Many painted Francis with this brush during his pontificate, and with reasonable cause. In 2021, the Pope restricted the use of the Traditional Latin Mass, a move which gravely offended communities who regretted the move to vernacular language services in the 1960s. In 2023, he confirmed that priests may bless people in “irregular unions”, such as same-sex and remarried couples, though not as a blessing of the union. He has been seen as a wind of change - open-hearted, popular, and genuinely humble in his servant leadership.  

But during his time as the head of the Argentinian Jesuits, the young Fr Bergoglio was outwardly a conservative, opposed to the left-aligned Liberation Theology that swept through the Latin American conferences and seminaries of the era. As Pope, he could be as gruff and traditional as they come. His answer to an interviewer's question about whether women can be admitted to Holy Orders in 2024 began with a blunt “no”. He found himself in hot water when using negative slur for gay people in a frank talk about the atmosphere of some Catholic seminaries.  
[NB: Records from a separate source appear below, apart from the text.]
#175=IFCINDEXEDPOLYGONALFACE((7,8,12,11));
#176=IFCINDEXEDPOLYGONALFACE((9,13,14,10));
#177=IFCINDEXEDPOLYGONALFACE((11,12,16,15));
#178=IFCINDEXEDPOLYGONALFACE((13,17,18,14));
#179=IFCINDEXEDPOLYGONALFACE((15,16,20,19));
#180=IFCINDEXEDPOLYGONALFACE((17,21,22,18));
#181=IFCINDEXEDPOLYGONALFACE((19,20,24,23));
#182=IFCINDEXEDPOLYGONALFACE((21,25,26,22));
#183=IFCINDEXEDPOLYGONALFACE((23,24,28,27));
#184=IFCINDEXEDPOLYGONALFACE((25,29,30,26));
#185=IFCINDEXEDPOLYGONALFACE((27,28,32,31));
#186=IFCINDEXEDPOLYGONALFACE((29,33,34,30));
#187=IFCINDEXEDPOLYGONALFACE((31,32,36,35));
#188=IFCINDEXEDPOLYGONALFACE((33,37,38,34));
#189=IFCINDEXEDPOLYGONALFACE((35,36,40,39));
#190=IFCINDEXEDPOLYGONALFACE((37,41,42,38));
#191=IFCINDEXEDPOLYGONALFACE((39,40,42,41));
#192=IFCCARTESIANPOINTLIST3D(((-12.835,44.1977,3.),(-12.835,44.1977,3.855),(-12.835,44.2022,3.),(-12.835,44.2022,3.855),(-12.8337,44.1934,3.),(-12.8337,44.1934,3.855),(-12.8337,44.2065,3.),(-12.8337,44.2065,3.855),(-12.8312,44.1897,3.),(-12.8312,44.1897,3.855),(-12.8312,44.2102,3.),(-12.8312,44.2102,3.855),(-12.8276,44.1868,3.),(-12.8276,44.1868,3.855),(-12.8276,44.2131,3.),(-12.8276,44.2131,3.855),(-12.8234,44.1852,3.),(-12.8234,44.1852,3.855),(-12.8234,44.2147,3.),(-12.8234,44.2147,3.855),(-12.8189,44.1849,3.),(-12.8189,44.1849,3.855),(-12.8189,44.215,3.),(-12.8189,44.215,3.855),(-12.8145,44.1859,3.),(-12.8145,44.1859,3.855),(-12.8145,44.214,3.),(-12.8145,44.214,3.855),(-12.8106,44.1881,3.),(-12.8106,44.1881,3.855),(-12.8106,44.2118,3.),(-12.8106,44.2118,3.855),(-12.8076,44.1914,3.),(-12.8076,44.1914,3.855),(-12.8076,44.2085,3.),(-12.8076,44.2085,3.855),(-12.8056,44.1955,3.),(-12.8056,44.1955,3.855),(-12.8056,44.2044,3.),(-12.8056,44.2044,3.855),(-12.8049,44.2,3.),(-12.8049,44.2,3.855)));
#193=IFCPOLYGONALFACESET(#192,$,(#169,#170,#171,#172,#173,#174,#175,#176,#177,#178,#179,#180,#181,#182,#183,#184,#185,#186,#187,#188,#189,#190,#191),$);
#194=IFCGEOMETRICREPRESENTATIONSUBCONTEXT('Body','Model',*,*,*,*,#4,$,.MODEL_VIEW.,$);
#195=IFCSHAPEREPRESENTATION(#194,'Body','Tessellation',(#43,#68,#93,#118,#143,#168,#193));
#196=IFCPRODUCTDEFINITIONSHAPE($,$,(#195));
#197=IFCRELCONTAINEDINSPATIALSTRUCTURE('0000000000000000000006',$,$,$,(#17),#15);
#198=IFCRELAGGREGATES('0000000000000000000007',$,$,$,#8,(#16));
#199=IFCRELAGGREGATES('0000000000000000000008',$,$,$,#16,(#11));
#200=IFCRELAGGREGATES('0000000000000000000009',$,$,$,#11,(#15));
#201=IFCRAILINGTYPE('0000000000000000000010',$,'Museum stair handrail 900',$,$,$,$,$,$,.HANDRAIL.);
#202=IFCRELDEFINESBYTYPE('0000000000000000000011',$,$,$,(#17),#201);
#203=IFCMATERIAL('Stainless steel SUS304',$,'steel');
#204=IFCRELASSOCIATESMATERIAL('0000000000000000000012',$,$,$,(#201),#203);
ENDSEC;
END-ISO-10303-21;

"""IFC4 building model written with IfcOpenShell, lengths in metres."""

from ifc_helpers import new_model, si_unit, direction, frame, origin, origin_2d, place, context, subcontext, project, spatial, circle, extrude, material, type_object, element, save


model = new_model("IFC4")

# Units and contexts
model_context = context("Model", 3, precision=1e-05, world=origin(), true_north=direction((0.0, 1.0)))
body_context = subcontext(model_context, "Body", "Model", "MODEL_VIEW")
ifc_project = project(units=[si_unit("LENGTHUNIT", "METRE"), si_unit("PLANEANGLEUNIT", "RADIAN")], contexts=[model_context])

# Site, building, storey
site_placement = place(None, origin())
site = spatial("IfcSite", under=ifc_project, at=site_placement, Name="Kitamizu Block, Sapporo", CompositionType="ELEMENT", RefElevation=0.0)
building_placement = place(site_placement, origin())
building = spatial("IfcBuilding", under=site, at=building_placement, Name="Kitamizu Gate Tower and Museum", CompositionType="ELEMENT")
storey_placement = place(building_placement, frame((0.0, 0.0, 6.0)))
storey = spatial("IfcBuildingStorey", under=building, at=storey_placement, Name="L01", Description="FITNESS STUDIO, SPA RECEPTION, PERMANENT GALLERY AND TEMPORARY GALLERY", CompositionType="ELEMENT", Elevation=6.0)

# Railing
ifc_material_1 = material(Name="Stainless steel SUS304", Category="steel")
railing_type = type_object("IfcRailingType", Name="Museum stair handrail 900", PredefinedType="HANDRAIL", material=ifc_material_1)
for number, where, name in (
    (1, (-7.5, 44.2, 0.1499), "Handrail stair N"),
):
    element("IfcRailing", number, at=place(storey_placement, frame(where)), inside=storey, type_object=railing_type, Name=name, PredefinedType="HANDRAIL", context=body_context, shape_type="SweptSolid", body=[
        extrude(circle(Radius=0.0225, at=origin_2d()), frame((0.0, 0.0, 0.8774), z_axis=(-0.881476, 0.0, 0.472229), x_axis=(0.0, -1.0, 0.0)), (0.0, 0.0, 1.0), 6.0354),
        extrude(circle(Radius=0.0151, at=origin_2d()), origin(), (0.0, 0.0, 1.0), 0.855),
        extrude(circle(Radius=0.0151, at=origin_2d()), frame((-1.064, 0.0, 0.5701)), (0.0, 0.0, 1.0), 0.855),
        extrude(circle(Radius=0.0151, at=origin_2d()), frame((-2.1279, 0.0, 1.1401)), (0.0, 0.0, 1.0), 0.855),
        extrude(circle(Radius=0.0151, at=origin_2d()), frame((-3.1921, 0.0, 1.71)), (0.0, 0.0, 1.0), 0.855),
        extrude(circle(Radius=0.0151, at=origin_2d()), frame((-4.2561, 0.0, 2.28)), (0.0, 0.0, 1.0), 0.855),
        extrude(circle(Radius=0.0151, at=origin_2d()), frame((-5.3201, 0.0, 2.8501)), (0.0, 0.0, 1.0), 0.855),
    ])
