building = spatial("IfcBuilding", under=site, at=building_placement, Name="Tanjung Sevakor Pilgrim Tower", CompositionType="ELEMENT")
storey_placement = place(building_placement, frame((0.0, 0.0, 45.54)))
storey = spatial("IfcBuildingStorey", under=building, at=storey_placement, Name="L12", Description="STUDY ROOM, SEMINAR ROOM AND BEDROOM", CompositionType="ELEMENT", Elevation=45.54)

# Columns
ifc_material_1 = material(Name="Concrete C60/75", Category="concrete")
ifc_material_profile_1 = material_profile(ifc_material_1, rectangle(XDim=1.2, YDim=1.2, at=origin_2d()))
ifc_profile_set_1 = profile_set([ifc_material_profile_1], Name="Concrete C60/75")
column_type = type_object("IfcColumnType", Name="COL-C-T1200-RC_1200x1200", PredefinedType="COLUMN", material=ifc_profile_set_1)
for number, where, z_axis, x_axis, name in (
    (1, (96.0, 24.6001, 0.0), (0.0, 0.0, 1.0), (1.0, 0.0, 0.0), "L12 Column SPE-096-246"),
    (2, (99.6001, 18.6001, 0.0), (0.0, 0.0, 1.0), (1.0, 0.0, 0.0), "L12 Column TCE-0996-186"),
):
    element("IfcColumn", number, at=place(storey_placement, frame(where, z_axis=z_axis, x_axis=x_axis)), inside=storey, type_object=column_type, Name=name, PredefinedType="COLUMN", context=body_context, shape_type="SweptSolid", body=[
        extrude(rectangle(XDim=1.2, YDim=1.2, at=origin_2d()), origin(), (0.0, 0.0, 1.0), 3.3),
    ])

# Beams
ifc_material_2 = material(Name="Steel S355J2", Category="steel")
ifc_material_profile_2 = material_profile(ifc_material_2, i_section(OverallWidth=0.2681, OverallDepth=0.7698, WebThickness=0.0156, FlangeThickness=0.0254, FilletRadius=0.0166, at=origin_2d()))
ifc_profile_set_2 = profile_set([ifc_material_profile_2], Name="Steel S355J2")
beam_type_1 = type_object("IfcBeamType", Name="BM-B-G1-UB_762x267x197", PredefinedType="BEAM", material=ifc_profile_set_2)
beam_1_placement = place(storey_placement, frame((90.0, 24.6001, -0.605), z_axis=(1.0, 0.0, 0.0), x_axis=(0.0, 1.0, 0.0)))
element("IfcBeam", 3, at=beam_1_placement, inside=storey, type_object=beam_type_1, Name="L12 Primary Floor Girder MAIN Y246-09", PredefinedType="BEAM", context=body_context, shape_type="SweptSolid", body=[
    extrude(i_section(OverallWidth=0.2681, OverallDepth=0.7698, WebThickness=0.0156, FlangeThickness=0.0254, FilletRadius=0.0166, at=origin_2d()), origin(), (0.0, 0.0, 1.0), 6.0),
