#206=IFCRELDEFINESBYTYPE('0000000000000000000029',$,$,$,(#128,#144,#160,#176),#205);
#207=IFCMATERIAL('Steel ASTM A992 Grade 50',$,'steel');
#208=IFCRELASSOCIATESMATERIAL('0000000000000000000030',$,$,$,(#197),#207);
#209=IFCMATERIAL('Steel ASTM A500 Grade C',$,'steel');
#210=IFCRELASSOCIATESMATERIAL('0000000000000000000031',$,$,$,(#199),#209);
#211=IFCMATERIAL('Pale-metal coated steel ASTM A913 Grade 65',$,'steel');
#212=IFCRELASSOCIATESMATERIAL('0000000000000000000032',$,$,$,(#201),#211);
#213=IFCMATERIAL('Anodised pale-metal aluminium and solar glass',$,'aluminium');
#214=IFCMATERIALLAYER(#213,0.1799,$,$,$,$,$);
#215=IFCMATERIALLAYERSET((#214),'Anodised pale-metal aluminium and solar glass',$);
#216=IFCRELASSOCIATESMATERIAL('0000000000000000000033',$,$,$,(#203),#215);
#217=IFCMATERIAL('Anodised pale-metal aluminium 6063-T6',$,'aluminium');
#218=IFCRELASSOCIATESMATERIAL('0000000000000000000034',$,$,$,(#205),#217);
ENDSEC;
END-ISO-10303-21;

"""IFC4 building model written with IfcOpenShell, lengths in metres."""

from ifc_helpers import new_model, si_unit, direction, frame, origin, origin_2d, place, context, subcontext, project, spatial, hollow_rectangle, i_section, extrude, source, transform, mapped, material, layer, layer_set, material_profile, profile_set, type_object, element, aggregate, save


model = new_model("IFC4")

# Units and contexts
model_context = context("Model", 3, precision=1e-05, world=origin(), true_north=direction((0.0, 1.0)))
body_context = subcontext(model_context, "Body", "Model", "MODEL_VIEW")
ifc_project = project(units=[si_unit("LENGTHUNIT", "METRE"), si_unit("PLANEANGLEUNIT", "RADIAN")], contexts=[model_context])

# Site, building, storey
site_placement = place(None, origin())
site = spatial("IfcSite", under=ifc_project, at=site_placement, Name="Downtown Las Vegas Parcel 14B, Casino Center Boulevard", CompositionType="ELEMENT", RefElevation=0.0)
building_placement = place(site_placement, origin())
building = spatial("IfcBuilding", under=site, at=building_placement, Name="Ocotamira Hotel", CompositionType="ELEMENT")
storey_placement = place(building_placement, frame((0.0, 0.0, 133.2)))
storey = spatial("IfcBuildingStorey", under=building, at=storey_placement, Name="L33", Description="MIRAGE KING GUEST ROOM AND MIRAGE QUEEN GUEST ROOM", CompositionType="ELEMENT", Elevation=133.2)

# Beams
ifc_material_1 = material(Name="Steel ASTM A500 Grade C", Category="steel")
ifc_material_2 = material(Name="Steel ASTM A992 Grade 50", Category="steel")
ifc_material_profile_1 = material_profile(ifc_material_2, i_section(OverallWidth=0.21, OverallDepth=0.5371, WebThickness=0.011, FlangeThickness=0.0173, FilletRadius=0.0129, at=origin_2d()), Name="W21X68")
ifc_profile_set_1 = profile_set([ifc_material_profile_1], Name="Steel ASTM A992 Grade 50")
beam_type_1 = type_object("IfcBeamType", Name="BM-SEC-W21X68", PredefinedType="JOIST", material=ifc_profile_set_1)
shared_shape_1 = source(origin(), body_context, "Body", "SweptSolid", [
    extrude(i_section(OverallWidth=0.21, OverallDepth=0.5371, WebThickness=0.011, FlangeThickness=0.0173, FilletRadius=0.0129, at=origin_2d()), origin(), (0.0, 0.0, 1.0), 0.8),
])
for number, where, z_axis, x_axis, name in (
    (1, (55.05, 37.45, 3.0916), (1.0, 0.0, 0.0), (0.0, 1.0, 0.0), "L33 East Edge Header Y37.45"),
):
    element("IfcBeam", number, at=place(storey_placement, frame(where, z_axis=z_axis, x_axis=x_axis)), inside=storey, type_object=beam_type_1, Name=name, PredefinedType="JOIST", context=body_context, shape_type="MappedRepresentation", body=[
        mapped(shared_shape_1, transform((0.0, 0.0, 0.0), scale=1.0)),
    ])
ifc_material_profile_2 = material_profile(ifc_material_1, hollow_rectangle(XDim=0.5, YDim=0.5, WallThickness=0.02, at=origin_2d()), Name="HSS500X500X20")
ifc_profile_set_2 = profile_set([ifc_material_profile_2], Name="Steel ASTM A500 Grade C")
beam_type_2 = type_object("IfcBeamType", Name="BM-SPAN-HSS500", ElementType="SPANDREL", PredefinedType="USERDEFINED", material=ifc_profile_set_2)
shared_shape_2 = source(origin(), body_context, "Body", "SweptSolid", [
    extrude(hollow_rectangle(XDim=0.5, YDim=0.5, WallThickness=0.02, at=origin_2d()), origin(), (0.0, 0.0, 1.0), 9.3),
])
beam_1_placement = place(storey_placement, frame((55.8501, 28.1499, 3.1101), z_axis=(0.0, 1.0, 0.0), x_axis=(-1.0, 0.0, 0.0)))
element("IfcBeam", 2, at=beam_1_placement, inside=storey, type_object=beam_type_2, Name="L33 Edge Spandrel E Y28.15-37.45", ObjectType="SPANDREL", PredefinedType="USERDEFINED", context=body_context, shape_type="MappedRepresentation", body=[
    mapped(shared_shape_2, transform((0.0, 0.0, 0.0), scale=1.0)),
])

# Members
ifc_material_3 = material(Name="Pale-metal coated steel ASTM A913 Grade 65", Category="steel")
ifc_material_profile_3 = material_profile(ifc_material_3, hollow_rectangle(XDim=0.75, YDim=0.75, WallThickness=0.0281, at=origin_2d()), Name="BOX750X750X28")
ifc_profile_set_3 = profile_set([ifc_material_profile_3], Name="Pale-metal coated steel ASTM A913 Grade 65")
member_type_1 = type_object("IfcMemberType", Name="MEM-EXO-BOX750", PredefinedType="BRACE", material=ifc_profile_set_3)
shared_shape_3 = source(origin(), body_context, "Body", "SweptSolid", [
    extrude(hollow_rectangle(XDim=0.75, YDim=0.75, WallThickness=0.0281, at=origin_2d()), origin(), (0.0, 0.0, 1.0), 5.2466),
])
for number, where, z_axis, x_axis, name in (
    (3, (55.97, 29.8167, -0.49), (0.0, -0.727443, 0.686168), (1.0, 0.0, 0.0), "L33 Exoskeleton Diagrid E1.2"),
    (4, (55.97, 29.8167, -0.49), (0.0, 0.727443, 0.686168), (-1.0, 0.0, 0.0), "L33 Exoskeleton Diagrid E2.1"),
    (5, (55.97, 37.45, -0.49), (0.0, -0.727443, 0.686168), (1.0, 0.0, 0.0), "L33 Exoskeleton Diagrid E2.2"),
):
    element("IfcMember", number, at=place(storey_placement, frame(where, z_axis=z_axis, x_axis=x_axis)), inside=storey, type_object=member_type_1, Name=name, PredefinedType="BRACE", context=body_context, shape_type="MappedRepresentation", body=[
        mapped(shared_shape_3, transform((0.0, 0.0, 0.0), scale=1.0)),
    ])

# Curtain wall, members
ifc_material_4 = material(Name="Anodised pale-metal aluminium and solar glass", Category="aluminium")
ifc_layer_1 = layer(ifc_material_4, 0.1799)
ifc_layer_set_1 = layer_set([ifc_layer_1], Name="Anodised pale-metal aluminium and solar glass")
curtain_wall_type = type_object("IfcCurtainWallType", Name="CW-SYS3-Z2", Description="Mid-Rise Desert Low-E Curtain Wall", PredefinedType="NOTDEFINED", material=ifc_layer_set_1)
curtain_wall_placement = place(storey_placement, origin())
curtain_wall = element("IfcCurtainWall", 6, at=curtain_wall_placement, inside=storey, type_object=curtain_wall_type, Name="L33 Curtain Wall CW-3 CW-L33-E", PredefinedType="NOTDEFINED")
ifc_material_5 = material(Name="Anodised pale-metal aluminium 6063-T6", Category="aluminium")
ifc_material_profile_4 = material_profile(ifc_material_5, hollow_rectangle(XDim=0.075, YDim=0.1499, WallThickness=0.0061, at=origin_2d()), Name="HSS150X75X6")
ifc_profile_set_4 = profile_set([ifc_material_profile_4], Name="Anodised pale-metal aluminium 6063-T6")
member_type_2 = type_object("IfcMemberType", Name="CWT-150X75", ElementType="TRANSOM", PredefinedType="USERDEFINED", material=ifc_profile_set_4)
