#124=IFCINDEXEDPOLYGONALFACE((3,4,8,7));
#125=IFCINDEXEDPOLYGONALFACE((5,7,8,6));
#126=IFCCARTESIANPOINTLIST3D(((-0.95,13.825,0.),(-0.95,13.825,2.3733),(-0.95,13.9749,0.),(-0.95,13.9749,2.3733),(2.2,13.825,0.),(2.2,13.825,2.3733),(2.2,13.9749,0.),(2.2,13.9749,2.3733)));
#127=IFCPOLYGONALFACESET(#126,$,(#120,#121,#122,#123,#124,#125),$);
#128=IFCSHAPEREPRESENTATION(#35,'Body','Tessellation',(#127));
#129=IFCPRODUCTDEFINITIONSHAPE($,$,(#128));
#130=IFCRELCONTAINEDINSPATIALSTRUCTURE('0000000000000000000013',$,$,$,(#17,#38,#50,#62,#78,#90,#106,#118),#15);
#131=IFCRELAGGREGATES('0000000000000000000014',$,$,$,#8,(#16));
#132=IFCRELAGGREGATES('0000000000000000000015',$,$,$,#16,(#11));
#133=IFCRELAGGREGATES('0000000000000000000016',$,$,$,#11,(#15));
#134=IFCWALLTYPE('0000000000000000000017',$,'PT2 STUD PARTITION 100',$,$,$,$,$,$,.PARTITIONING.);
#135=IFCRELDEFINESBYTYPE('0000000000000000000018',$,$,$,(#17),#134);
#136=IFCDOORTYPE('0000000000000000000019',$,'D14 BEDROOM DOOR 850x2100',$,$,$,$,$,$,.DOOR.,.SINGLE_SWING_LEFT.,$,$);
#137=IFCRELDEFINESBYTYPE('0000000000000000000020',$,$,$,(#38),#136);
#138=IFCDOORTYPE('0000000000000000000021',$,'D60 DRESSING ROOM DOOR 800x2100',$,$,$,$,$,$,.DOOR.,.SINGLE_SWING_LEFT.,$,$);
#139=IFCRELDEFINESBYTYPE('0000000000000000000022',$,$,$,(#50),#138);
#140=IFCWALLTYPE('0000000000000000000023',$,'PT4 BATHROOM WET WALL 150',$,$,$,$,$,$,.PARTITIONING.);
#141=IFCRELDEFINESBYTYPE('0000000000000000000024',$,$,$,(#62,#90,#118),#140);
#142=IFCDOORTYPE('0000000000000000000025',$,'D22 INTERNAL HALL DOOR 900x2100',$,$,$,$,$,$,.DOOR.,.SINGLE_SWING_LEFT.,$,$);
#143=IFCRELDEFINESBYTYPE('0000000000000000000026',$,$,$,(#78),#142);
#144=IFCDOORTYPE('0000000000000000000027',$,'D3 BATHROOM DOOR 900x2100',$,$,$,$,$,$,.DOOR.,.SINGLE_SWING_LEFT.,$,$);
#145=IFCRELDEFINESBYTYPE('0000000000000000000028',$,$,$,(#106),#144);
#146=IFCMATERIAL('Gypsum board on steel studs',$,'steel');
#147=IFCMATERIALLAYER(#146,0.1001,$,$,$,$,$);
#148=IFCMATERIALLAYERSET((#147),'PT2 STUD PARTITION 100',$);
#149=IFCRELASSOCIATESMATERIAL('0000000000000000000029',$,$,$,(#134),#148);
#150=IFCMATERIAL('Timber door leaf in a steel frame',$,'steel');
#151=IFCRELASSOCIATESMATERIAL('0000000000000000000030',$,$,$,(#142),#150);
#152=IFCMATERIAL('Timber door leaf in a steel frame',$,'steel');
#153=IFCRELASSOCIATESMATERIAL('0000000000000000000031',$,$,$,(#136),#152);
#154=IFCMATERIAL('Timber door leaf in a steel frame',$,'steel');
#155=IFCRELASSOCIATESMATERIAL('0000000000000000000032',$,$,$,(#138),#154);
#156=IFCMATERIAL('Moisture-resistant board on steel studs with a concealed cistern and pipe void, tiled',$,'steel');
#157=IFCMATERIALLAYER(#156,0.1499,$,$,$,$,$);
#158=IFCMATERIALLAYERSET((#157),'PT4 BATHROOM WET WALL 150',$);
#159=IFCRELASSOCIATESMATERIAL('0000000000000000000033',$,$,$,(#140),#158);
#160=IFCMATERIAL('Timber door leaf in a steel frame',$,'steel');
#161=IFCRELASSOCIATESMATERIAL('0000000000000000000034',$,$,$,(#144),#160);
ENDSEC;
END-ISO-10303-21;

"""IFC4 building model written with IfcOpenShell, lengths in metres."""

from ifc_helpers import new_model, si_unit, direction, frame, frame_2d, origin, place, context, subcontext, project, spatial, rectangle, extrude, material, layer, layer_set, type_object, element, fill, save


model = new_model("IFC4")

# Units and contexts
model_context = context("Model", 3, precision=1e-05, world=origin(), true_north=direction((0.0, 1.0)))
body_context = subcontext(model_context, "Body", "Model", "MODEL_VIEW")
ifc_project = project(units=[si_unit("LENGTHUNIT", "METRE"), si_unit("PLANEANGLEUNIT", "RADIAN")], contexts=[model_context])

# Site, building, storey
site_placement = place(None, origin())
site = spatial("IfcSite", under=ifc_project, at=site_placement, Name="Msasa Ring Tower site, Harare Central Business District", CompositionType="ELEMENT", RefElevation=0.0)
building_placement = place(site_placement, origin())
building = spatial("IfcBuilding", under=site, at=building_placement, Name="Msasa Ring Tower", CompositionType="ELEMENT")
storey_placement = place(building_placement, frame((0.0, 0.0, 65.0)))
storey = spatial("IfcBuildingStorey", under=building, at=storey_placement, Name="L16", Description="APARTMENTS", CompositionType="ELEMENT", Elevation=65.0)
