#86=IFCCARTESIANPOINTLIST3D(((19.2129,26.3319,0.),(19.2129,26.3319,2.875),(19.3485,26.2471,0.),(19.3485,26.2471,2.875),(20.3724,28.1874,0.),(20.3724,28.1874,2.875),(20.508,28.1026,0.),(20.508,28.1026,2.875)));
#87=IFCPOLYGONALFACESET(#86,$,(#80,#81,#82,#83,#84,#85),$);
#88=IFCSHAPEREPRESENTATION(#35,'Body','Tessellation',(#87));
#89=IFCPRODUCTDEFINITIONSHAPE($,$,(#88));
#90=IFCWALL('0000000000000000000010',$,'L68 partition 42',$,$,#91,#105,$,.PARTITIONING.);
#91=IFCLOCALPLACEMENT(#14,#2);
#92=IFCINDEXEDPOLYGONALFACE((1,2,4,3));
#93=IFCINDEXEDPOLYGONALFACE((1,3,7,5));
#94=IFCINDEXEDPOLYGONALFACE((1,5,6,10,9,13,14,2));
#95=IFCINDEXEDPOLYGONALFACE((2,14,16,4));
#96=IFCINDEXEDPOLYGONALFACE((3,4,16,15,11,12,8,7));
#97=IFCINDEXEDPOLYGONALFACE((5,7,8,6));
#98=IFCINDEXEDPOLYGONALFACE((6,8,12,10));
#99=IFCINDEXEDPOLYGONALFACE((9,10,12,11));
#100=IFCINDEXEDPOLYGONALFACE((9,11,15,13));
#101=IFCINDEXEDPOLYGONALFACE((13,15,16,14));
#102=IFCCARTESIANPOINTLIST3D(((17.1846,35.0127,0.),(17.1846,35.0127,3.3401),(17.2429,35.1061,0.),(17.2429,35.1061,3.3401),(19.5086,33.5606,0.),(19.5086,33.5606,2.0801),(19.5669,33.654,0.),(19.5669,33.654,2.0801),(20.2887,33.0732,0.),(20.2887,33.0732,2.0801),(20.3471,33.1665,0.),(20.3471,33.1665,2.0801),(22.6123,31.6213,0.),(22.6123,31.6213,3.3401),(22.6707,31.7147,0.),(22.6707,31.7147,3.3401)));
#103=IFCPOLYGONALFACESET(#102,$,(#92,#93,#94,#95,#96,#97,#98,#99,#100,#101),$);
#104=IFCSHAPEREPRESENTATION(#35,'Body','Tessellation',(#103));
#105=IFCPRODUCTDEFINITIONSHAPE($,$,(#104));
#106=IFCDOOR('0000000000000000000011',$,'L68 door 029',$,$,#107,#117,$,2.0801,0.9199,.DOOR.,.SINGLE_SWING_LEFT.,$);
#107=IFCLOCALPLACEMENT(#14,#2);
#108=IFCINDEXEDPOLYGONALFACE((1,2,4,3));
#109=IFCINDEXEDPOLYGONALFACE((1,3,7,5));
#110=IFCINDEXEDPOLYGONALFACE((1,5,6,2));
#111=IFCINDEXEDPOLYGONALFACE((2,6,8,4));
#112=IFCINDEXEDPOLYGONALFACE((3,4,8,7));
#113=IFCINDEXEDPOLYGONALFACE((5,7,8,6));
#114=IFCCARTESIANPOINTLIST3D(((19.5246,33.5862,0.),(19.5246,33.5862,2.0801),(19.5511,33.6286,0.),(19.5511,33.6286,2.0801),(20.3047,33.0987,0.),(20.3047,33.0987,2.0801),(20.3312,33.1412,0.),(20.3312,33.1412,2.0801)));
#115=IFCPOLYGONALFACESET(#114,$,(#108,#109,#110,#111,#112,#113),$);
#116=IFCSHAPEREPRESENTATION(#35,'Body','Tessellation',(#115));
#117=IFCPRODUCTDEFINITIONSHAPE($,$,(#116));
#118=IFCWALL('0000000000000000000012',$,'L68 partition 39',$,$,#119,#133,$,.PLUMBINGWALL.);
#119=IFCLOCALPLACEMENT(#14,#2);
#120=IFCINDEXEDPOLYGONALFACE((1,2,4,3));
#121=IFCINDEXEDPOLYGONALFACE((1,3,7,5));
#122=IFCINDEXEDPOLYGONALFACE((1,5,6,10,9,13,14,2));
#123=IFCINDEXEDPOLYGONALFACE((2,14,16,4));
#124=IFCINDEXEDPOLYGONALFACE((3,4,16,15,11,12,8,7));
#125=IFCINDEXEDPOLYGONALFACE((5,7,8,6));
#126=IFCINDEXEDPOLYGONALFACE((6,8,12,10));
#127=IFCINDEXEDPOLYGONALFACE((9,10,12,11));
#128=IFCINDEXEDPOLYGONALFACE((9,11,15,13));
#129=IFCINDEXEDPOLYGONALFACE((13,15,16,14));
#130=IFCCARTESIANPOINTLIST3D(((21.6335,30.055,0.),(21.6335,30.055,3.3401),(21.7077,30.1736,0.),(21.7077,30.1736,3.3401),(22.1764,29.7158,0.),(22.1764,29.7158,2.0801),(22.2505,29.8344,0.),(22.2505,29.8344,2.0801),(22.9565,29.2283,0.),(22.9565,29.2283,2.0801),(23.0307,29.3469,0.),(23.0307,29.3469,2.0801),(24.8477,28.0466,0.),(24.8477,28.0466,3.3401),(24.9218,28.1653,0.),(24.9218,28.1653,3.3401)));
Too liberal for the trads, and too traditional for the libs. Who was Pope Francis? What I think he learnt from the military takeover of the 1970s was the cost of idealism, at either end of the political spectrum. He was, it seems to me, a pragmatist. Not an academic like his predecessor, Pope Benedict XVI, and, unlike Pope St John Paul II, there was no clear-cut political object in the form of the dissolving USSR. Francis was Pope within a far more complex world, increasingly lacking a clear moral bedrock, and finding it increasingly hard to respond to massive technological and social change. 

Francis will be known for his attempts to strike balances in all of it - to plead for change, but stay closed elsewhere. He was loved for all the same reasons he was ardently criticised. Such is our polarised time. As a Catholic, I happily do not have to worry all that much about whether his successor will follow, or depart, from his mould. With a conclave imminent, it is the Holy Spirit’s work now.